You have taken over at a really challenging time not just for M&M but the auto industry as well. Are you daunted with the job ahead?
When I joined M&M in the auto business two decades back, it was a very difficult time for the company. Our stronghold was soft-top products, which was declining almost at 25 percent per year. We had to reposition the entire brand to a very different target audience along with all new products. So I am no stranger to challenges this company has faced and know that there are many things to do to face that challenge to transform the business. You will recall that in 2000 we had a good portfolio of products in the oven, the Bolero was ready to launch and the Scorpio was at an advance stage of development. So after getting into this role last year, I realised that what we have again is a very, very robust base to build on. The pipeline is very strong, the Thar is a hint of what the company’s product strength is. When we start rolling out our new products this year, they will surprise the market, and that’s what excites me.
But you still have production issues, more so than other automakers. What went wrong?

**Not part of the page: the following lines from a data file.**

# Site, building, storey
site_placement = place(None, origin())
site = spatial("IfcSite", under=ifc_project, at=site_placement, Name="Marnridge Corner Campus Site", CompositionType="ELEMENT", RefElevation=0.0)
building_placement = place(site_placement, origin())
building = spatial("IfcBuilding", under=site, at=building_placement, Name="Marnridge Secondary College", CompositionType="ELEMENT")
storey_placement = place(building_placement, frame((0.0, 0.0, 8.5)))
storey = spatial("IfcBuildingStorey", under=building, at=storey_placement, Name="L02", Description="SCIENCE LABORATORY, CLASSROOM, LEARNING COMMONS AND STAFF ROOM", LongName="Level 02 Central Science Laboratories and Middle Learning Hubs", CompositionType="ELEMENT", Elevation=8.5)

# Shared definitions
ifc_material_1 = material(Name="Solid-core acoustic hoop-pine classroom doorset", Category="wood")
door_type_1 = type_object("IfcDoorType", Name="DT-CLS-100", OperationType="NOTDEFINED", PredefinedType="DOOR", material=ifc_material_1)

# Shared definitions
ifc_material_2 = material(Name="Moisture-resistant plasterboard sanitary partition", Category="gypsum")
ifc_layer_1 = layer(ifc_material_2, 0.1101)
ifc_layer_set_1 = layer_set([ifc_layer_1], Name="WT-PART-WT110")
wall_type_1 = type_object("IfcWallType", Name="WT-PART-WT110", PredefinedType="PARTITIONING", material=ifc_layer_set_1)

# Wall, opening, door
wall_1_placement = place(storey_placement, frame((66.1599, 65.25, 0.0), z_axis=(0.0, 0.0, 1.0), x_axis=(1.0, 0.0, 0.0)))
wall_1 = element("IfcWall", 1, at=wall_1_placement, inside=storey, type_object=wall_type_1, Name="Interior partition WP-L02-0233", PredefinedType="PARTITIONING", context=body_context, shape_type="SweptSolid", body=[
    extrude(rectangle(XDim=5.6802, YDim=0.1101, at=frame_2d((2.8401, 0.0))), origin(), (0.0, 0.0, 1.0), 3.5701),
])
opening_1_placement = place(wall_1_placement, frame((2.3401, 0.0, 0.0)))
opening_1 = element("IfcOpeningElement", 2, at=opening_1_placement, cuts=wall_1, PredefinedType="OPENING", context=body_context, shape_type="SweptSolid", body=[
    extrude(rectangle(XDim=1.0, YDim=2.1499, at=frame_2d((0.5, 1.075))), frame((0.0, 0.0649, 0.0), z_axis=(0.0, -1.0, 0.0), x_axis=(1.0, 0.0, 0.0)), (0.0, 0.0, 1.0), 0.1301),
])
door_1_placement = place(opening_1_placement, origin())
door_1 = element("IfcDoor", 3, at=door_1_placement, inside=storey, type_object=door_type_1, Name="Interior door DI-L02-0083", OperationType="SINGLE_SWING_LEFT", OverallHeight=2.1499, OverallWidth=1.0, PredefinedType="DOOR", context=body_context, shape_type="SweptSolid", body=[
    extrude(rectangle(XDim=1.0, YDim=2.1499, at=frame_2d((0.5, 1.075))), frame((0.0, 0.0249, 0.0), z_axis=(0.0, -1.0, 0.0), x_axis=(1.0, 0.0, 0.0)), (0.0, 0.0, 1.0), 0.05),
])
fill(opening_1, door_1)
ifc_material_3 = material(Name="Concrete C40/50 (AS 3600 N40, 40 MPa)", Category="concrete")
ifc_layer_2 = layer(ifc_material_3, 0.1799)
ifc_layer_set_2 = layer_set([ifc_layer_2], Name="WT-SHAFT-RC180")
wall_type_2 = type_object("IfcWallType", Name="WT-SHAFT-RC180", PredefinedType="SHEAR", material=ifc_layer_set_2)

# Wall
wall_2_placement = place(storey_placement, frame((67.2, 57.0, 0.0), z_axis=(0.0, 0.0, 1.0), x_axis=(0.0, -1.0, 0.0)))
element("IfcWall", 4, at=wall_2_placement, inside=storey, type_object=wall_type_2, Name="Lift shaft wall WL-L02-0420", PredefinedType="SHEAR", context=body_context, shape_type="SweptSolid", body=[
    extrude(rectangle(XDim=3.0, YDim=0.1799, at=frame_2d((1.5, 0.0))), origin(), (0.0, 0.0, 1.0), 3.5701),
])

There are several reasons. One is we have a much higher diesel portfolio overall than gasoline, compared to others. The transition to BS6 in February 2020 for diesel needed some parts to come in from China, which went into lockdown, so for two months we couldn’t get anything to ramp up production. In Q3, we got hit by the semiconductor shortage issue more than others, because 90 percent of our supply comes from one vendor and they had a major quality problem in a few of their semiconductor suppliers. However, I am just waiting for these issues to be behind us and to get back to normalcy because demand overall is very buoyant and we are well poised to deliver a very strong performance. It’s not just Thar, XUV 300, Bolero and Scorpio that have strong demand, we are confident the new models will be winners as well.
The company has stated that it wants to focus on making true-blue SUVs or pure SUVs. What is your definition of that?
Let’s erase the word ‘true blue’ because that clearly has a connotation of being a body-on-frame product. We are clearly not saying that we are going to be only body-on-frame products. First let’s start by saying we want to be an SUV-specialised brand. When a customer looks at our product, they should feel it’s an authentic SUV and not a wannabe SUV. We also want to leverage the true DNA of the brand and have the brand tell its own stories about where we come from and who we are. So as we go forward, we will play out to this narrative, which is about vehicles with an unmissable presence. Another part of the narrative is vehicles with adventure capability. Now, adventure doesn’t necessarily mean we will henceforth be only 4X4 or AWD, because we believe adventure is a mindset of exploring the impossible.
So, is the focus going to be on sharpening the Mahindra brand, making the brand attributes clear and making sure your products are unequivocally a Mahindra?
Absolutely, and I would like to reinforce that not only is it happening at an emotional level, but also at a very rational level. So, the brand personification and the brand idea is in a way emotional, but to deliver that is a very well-defined process. For example, to say our SUVs have unmissable presence, what does it mean by way of, for example, the angle of the A-pillar? There are multiple parameters that have been defined to ensure we don’t lose sight of sticking true to the brand attributes.